# Tiger muskie caught today on lake erie



## walleyeQueen (Aug 25, 2010)

Today while trolling for walleye we hooked into this unicorn! It hit the bandit in 12 feet of water and jumped 2 feet out of the water! We thought a steelie at first! It fought. Fought hard. Couldn't gain on him. Finally got the board off and it was really game on! What a powerful fight! We couldn't believe it once it was in the net!!! Just look at this beautiful tiger muskie!!!! My first ever muskie on lake erie!!!!! Wow what a great day!!!!









Sent from my SM-G965U using Tapatalk


----------



## rangerpig250 (Apr 10, 2011)

Beautiful fish !! Those are great to eat !!!


----------



## Fishcreamer (Apr 16, 2021)

rangerpig250 said:


> Beautiful fish !! Those are great to eat !!!


Congratulations


----------



## Southernsaug (May 23, 2019)

I'm not trying to be rude or critical, just helpful and informative. It is actually a pure strain Muskie and not a Tiger Muskie. Still an exceptional catch of a lifetime on Erie. Trust me I know what I'm talking about.


----------



## Tommy84 (Aug 15, 2017)

Where was it caught? Just curious. I caught this right in front of the vermilion break wall just outside a pack of perch fishermen a few years back. I thought I had a personal best walleye the way it dove to the bottom and it’s not even close to the size you had. They are a great fight


----------



## 444fish (Jul 7, 2017)

rangerpig250 said:


> Beautiful fish !! Those are great to eat !!!

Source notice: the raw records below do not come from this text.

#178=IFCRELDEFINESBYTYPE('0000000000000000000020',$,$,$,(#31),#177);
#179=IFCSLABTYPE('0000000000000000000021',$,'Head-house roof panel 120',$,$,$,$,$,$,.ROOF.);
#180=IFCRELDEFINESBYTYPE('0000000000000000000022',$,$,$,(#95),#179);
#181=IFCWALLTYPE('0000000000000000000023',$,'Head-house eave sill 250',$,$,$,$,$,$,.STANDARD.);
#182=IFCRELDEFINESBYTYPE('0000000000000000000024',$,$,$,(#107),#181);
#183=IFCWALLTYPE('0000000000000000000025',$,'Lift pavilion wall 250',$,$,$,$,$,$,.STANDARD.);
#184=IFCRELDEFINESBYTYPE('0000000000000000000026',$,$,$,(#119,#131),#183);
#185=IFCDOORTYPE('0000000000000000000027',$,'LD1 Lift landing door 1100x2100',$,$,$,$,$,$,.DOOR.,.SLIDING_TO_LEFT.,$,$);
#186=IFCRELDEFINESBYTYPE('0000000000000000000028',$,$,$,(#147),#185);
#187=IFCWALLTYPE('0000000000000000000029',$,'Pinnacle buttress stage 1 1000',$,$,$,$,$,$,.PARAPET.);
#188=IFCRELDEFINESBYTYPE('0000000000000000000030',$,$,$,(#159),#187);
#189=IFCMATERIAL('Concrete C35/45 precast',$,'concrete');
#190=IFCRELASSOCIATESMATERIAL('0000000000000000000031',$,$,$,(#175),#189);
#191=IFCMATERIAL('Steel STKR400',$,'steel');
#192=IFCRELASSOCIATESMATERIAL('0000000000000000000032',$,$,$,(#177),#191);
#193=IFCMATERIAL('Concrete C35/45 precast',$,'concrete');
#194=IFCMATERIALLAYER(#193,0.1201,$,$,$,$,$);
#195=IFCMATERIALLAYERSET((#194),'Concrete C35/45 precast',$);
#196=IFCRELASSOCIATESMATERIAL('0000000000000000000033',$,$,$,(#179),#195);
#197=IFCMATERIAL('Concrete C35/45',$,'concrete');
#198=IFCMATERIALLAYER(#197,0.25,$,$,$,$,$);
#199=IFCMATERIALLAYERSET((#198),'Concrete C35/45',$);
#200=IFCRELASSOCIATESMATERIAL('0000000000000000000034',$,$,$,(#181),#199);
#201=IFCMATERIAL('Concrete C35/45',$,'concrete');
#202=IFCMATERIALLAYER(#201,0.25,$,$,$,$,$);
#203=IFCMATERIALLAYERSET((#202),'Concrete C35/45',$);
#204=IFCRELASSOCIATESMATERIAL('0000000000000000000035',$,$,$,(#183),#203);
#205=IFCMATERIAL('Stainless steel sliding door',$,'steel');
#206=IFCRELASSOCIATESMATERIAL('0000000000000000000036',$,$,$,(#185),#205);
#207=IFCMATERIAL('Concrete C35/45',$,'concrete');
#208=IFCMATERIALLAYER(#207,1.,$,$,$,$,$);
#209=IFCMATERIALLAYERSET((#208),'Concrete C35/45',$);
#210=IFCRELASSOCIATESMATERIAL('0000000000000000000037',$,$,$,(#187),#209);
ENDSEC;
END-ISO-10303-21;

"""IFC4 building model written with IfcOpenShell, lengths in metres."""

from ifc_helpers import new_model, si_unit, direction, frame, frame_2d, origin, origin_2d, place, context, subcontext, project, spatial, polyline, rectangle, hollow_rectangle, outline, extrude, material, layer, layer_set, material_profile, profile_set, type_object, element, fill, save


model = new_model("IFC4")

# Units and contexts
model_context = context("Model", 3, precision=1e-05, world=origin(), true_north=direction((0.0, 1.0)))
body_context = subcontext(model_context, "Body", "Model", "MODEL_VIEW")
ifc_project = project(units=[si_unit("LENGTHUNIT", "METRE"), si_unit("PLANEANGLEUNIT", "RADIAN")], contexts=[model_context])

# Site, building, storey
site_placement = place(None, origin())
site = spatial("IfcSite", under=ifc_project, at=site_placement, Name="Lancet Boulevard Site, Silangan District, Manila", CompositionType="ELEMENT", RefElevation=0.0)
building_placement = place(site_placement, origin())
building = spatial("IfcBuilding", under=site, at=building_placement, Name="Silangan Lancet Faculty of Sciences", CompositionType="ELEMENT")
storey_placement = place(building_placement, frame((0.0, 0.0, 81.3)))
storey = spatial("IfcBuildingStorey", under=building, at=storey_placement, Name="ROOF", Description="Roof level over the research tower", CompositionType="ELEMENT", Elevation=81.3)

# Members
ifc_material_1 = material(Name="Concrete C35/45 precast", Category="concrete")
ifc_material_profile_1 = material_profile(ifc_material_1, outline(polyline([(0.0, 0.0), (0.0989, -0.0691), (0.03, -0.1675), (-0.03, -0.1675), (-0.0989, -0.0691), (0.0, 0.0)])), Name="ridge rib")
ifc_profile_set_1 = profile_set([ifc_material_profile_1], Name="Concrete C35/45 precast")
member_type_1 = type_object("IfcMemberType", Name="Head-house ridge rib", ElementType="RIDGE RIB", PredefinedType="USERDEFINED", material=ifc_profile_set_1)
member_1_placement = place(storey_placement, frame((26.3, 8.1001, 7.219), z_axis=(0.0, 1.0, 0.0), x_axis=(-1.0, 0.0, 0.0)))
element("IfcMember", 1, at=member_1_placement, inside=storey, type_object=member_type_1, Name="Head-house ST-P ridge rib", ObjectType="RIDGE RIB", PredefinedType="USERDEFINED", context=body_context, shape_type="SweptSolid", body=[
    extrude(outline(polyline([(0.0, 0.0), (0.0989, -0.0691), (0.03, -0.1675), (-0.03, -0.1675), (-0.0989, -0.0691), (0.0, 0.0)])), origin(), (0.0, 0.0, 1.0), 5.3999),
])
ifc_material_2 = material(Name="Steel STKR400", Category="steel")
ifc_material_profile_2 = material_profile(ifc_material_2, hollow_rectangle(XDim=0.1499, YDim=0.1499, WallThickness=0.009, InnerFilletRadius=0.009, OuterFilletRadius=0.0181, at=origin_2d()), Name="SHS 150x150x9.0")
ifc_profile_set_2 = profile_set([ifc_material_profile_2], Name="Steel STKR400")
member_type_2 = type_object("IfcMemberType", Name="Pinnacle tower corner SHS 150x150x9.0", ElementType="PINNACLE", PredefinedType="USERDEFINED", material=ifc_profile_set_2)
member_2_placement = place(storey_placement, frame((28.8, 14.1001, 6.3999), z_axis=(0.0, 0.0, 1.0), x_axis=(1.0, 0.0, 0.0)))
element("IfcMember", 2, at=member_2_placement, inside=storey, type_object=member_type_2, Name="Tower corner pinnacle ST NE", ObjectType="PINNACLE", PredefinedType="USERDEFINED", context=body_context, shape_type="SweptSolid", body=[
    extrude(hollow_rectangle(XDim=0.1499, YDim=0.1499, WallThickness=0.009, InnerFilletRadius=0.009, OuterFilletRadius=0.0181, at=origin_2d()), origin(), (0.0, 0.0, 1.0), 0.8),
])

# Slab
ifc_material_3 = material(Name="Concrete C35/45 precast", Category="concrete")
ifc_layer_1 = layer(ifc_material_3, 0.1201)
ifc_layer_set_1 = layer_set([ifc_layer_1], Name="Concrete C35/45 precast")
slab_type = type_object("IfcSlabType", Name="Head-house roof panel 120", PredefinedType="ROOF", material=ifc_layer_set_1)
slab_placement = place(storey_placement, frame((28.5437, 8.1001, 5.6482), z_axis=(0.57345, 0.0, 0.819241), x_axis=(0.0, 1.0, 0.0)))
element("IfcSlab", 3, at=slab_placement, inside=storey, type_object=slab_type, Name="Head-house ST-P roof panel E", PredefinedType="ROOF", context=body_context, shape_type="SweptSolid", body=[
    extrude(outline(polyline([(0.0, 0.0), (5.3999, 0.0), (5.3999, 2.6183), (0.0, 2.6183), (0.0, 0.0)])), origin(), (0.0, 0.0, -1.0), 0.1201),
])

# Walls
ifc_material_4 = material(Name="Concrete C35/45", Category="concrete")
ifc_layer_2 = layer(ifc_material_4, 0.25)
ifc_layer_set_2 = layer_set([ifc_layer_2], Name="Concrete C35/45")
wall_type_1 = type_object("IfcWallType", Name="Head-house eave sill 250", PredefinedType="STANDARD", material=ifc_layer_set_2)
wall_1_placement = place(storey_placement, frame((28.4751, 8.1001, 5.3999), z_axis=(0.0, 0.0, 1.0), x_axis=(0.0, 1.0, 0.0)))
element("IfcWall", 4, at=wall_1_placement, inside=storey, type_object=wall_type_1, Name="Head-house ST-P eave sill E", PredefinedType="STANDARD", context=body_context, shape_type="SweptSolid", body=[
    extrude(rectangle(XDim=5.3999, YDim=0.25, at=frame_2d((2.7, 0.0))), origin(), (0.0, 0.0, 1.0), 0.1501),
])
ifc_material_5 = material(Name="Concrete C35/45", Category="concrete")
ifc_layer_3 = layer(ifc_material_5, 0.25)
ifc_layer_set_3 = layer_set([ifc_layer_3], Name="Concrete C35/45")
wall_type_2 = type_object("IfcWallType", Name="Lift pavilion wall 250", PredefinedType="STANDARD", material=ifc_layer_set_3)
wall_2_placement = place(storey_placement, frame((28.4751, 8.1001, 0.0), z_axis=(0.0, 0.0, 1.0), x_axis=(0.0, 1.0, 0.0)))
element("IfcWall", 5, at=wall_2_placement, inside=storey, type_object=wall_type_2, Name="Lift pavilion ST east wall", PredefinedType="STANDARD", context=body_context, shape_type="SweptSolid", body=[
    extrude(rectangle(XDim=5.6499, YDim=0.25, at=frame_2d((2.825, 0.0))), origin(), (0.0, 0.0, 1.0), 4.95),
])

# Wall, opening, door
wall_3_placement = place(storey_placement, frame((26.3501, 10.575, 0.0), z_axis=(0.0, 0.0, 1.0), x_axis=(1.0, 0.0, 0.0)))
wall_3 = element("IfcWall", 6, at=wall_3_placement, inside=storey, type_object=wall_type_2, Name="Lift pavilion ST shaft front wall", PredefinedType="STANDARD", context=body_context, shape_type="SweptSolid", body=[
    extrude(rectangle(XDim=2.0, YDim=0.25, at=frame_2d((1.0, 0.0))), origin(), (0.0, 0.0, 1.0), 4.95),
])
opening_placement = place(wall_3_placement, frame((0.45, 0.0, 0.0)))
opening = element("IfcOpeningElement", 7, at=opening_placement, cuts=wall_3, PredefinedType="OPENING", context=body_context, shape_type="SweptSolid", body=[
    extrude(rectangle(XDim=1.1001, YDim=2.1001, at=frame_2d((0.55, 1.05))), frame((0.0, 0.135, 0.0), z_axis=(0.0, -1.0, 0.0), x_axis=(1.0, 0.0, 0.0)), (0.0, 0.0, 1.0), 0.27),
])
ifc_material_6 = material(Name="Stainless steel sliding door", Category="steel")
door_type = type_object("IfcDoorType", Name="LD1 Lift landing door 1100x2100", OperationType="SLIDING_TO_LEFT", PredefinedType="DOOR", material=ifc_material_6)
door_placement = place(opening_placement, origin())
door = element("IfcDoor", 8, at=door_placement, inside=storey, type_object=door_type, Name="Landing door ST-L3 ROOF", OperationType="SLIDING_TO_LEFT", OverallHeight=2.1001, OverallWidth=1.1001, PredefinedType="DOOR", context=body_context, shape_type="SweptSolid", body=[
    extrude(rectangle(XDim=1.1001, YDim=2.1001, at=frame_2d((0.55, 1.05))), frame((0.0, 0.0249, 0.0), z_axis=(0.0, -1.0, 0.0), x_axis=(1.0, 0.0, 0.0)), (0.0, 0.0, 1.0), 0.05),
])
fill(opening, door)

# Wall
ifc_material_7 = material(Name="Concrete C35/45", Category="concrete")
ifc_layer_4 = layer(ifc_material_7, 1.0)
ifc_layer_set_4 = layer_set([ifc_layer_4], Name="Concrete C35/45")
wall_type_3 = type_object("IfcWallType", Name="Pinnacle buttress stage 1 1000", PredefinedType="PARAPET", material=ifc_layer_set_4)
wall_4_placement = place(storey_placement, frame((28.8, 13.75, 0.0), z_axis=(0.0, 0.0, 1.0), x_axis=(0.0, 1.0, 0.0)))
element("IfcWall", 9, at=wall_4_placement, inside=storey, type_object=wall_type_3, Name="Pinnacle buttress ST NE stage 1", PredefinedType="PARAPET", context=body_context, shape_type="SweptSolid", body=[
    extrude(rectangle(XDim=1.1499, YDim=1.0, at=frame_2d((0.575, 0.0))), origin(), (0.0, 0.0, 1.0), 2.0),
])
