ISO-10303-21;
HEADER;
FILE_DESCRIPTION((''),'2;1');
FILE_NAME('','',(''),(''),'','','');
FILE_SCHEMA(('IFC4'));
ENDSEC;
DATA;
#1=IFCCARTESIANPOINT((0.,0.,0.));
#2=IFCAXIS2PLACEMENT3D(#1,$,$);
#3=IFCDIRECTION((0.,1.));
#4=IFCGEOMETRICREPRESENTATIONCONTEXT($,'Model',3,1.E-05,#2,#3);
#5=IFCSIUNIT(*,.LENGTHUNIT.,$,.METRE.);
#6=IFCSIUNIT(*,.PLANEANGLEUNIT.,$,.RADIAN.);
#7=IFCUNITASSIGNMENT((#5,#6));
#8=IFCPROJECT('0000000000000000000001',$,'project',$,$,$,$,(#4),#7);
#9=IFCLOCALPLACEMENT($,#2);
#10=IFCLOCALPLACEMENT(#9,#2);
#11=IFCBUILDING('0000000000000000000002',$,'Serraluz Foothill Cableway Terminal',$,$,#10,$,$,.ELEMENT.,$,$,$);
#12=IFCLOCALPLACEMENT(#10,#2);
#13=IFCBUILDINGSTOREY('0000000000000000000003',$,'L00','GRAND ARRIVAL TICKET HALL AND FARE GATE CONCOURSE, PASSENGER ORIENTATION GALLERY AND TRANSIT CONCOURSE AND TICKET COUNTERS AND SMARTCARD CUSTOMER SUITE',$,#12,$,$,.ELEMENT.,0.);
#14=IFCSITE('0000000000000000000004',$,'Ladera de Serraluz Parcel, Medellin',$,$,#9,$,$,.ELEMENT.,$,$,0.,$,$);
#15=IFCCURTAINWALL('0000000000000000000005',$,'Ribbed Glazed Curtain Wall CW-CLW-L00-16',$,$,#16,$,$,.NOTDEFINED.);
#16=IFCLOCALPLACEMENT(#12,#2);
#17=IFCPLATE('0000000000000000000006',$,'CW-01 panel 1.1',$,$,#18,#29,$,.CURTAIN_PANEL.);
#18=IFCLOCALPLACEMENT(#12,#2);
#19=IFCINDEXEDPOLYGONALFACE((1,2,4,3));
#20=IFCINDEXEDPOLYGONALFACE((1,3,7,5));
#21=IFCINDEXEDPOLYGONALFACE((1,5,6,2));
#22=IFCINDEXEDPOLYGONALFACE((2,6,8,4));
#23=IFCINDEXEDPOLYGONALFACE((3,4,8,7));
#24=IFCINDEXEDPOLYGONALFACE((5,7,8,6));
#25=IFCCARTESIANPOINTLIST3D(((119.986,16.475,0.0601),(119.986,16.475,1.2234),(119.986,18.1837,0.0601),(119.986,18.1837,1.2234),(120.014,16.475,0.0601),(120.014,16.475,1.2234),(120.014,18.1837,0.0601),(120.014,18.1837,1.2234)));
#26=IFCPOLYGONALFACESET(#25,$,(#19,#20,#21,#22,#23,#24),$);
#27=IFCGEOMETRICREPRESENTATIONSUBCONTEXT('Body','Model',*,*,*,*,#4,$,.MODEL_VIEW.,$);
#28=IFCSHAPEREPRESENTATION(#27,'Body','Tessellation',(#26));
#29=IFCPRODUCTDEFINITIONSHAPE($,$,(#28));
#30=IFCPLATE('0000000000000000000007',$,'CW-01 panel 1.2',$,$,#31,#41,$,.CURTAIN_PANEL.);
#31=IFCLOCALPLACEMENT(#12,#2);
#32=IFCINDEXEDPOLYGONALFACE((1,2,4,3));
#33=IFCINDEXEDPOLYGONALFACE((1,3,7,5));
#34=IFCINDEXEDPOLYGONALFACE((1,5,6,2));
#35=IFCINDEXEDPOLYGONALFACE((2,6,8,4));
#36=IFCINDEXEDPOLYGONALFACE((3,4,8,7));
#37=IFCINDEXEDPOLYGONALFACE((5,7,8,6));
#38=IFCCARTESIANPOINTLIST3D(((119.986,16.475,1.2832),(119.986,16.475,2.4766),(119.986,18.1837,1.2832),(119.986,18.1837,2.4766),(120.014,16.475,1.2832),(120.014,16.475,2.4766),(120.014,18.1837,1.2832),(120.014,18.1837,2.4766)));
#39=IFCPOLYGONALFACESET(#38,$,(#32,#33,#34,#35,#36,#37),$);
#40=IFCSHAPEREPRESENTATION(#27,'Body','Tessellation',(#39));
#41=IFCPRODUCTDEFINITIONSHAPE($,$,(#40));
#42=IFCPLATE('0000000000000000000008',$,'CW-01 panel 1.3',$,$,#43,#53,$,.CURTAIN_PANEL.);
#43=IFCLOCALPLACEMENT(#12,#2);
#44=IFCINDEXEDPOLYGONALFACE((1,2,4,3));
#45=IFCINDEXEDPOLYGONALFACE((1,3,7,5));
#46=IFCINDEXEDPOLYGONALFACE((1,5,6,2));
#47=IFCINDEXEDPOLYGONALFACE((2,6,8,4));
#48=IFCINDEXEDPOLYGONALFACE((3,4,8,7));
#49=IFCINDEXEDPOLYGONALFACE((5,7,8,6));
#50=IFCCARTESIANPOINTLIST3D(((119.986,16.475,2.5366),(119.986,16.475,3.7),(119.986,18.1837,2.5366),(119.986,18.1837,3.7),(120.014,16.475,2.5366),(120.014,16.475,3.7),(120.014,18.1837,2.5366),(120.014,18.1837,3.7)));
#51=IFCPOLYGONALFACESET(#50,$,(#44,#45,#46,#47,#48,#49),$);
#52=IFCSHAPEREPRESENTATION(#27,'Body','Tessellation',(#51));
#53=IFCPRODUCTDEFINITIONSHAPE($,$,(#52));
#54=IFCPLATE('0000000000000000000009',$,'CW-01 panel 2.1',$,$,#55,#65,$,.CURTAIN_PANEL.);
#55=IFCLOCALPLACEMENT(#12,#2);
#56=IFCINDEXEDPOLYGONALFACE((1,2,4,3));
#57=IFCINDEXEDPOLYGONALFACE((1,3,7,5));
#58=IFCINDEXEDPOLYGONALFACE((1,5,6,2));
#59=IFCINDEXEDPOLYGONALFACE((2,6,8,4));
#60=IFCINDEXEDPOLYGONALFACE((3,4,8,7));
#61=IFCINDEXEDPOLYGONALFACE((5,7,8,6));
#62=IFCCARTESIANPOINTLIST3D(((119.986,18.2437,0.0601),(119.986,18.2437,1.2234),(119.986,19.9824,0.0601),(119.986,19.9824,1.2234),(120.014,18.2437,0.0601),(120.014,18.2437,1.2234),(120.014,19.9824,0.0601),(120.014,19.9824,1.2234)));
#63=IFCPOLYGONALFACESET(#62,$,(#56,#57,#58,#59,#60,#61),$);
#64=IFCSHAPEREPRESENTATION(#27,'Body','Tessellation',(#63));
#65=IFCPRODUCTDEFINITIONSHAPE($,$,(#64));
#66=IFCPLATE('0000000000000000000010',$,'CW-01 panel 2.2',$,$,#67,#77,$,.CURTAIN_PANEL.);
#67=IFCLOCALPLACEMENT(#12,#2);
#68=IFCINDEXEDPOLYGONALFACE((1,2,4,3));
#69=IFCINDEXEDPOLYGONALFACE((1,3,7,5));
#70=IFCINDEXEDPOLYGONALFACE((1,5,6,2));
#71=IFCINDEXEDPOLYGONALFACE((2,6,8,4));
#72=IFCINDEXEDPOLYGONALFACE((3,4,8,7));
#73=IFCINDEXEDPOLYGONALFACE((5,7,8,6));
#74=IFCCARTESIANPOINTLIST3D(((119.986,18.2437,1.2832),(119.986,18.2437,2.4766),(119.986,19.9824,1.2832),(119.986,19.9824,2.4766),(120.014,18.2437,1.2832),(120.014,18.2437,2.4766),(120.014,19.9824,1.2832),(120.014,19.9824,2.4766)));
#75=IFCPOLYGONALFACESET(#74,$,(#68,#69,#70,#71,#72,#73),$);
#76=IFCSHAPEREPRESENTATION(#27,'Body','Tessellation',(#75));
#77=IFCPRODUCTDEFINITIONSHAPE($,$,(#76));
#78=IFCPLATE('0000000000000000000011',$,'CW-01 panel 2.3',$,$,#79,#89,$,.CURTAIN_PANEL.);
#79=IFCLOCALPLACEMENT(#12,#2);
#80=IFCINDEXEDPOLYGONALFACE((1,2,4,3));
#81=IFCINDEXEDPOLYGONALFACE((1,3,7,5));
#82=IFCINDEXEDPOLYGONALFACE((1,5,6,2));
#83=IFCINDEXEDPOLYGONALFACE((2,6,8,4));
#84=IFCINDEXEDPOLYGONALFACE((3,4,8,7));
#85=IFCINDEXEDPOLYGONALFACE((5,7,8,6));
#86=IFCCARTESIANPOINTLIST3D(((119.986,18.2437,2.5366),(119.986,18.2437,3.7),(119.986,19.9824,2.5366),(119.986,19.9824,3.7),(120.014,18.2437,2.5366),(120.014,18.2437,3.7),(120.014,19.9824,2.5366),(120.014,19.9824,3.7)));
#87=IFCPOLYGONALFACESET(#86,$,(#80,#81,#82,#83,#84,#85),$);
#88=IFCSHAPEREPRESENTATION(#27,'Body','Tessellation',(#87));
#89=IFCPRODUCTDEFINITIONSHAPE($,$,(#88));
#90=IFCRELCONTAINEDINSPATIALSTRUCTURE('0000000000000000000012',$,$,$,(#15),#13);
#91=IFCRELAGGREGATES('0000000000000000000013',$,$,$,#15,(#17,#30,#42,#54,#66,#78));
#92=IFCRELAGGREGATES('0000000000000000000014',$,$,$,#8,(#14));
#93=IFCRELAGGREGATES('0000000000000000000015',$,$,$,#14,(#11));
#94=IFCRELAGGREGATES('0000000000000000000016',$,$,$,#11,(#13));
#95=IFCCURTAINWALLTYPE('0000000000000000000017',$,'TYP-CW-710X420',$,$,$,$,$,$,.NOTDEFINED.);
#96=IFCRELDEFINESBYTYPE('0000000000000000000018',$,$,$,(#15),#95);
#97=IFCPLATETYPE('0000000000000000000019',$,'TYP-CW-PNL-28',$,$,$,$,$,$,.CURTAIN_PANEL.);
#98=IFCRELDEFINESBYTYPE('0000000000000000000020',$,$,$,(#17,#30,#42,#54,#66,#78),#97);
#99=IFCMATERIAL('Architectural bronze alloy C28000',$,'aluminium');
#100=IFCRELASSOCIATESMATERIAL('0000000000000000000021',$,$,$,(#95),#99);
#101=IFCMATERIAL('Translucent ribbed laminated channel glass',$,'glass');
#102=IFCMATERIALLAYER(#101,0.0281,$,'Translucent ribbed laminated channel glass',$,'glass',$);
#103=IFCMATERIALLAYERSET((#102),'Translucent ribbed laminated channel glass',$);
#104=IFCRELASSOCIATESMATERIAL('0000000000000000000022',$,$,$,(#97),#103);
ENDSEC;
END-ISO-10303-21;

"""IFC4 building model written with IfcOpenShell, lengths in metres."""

from ifc_helpers import new_model, si_unit, direction, frame, origin, origin_2d, place, context, subcontext, project, spatial, rectangle, extrude, material, layer, layer_set, type_object, element, aggregate, save


model = new_model("IFC4")

# Units and contexts
model_context = context("Model", 3, precision=1e-05, world=origin(), true_north=direction((0.0, 1.0)))
body_context = subcontext(model_context, "Body", "Model", "MODEL_VIEW")
ifc_project = project(units=[si_unit("LENGTHUNIT", "METRE"), si_unit("PLANEANGLEUNIT", "RADIAN")], contexts=[model_context])

# Site, building, storey
site_placement = place(None, origin())
site = spatial("IfcSite", under=ifc_project, at=site_placement, Name="Ladera de Serraluz Parcel, Medellin", CompositionType="ELEMENT", RefElevation=0.0)
building_placement = place(site_placement, origin())
building = spatial("IfcBuilding", under=site, at=building_placement, Name="Serraluz Foothill Cableway Terminal", CompositionType="ELEMENT")
storey_placement = place(building_placement, origin())
storey = spatial("IfcBuildingStorey", under=building, at=storey_placement, Name="L00", Description="GRAND ARRIVAL TICKET HALL AND FARE GATE CONCOURSE, PASSENGER ORIENTATION GALLERY AND TRANSIT CONCOURSE AND TICKET COUNTERS AND SMARTCARD CUSTOMER SUITE", CompositionType="ELEMENT", Elevation=0.0)

# Curtain wall
ifc_material_1 = material(Name="Architectural bronze alloy C28000", Category="aluminium")
curtain_wall_type = type_object("IfcCurtainWallType", Name="TYP-CW-710X420", PredefinedType="NOTDEFINED", material=ifc_material_1)
curtain_wall_placement = place(storey_placement, origin())
curtain_wall = element("IfcCurtainWall", 1, at=curtain_wall_placement, inside=storey, type_object=curtain_wall_type, Name="Ribbed Glazed Curtain Wall CW-CLW-L00-16", PredefinedType="NOTDEFINED")

# Plates
ifc_material_2 = material(Name="Translucent ribbed laminated channel glass", Category="glass")
ifc_layer = layer(ifc_material_2, 0.0281, Name="Translucent ribbed laminated channel glass", Category="glass")
ifc_layer_set = layer_set([ifc_layer], Name="Translucent ribbed laminated channel glass")
plate_type = type_object("IfcPlateType", Name="TYP-CW-PNL-28", PredefinedType="CURTAIN_PANEL", material=ifc_layer_set)
plate_1_placement = place(storey_placement, frame((120.0, 17.3293, 0.0601), z_axis=(0.0, 0.0, 1.0), x_axis=(0.0, 1.0, 0.0)))
plate_1 = element("IfcPlate", 2, at=plate_1_placement, type_object=plate_type, Name="CW-01 panel 1.1", PredefinedType="CURTAIN_PANEL", context=body_context, shape_type="SweptSolid", body=[
    extrude(rectangle(XDim=1.7087, YDim=0.0281, at=origin_2d()), origin(), (0.0, 0.0, 1.0), 1.1633),
])
plate_2_placement = place(storey_placement, frame((120.0, 17.3293, 1.2832), z_axis=(0.0, 0.0, 1.0), x_axis=(0.0, 1.0, 0.0)))
plate_2 = element("IfcPlate", 3, at=plate_2_placement, type_object=plate_type, Name="CW-01 panel 1.2", PredefinedType="CURTAIN_PANEL", context=body_context, shape_type="SweptSolid", body=[
    extrude(rectangle(XDim=1.7087, YDim=0.0281, at=origin_2d()), origin(), (0.0, 0.0, 1.0), 1.1934),
])
plate_3_placement = place(storey_placement, frame((120.0, 17.3293, 2.5366), z_axis=(0.0, 0.0, 1.0), x_axis=(0.0, 1.0, 0.0)))
plate_3 = element("IfcPlate", 4, at=plate_3_placement, type_object=plate_type, Name="CW-01 panel 1.3", PredefinedType="CURTAIN_PANEL", context=body_context, shape_type="SweptSolid", body=[
    extrude(rectangle(XDim=1.7087, YDim=0.0281, at=origin_2d()), origin(), (0.0, 0.0, 1.0), 1.1633),
])
plate_4_placement = place(storey_placement, frame((120.0, 19.113, 0.0601), z_axis=(0.0, 0.0, 1.0), x_axis=(0.0, 1.0, 0.0)))
plate_4 = element("IfcPlate", 5, at=plate_4_placement, type_object=plate_type, Name="CW-01 panel 2.1", PredefinedType="CURTAIN_PANEL", context=body_context, shape_type="SweptSolid", body=[
    extrude(rectangle(XDim=1.7388, YDim=0.0281, at=origin_2d()), origin(), (0.0, 0.0, 1.0), 1.1633),
])
plate_5_placement = place(storey_placement, frame((120.0, 19.113, 1.2832), z_axis=(0.0, 0.0, 1.0), x_axis=(0.0, 1.0, 0.0)))
plate_5 = element("IfcPlate", 6, at=plate_5_placement, type_object=plate_type, Name="CW-01 panel 2.2", PredefinedType="CURTAIN_PANEL", context=body_context, shape_type="SweptSolid", body=[
    extrude(rectangle(XDim=1.7388, YDim=0.0281, at=origin_2d()), origin(), (0.0, 0.0, 1.0), 1.1934),
])
plate_6_placement = place(storey_placement, frame((120.0, 19.113, 2.5366), z_axis=(0.0, 0.0, 1.0), x_axis=(0.0, 1.0, 0.0)))
plate_6 = element("IfcPlate", 7, at=plate_6_placement, type_object=plate_type, Name="CW-01 panel 2.3", PredefinedType="CURTAIN_PANEL", context=body_context, shape_type="SweptSolid", body=[
    extrude(rectangle(XDim=1.7388, YDim=0.0281, at=origin_2d()), origin(), (0.0, 0.0, 1.0), 1.1633),
])
aggregate(curtain_wall, [plate_1, plate_2, plate_3, plate_4, plate_5, plate_6])

save(model, "model.ifc")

Great fish! mmm...Musky cheeks...lol


----------



## monte39 (Nov 24, 2011)

Great Catch!


----------



## ApeShip (Apr 17, 2006)

Good eating? Really?


----------



## K gonefishin (May 4, 2004)

gorgeous specimen, killer paint on that fish. hopefully it was released.


----------



## TRIPLE-J (Sep 18, 2006)

Southernsaug said:


> I'm not trying to be rude or critical, just helpful and informative. It is actually a pure strain Muskie and not a Tiger Muskie. Still an exceptional catch of a lifetime on Erie. Trust me I know what I'm talking about.


X2 
Nice fish but looks more like a pure strain to me too


----------



## walleyenate (Jun 16, 2011)

Whatever kind of musky it is. Still an awesome catch for sure!!


----------



## Whaler (Nov 16, 2004)

walleyeQueen said:


> Today while trolling for walleye we hooked into this unicorn! It hit the bandit in 12 feet of water and jumped 2 feet out of the water! We thought a steelie at first! It fought. Fought hard. Couldn't gain on him. Finally got the board off and it was really game on! What a powerful fight! We couldn't believe it once it was in the net!!! Just look at this beautiful tiger muskie!!!! My first ever muskie on lake erie!!!!! Wow what a great day!!!!
> 
> 
> 
> ...


Count the mandibular pores under the lower jaw. If there are 13 or less it's a Tiger if 14 or more it's a true Muskie.


----------



## 34181 (May 6, 2012)

Looks like an easy way to tell might be if the Caudal Fin is pointed or rounded, according to the chart.


----------



## percidaeben (Jan 15, 2010)

Great Lakes strain. Beautiful fish! Seined one up the summer I was up on Stone Lab.


----------



## joekacz (Sep 11, 2013)

Personally to me it doesn’t matter, it’s one hell of a catch in our part of the Great Lakes system. More and more reports every year.


----------



## walleyeQueen (Aug 25, 2010)

walleyeQueen said:


> Today while trolling for walleye we hooked into this unicorn! It hit the bandit in 12 feet of water and jumped 2 feet out of the water! We thought a steelie at first! It fought. Fought hard. Couldn't gain on him. Finally got the board off and it was really game on! What a powerful fight! We couldn't believe it once it was in the net!!! Just look at this beautiful tiger muskie!!!! My first ever muskie on lake erie!!!!! Wow what a great day!!!!
> 
> 
> 
> ...


Guys the fish was released! I was so worried about it i didn't even measure him! Got him back very quickly! I live on the black river in lorain. I fish the river or lake almost every single day. This catch made my year! Doesn't matter what type of muskie. Once in a lifetime in my backyard! Truly thankful and blessed!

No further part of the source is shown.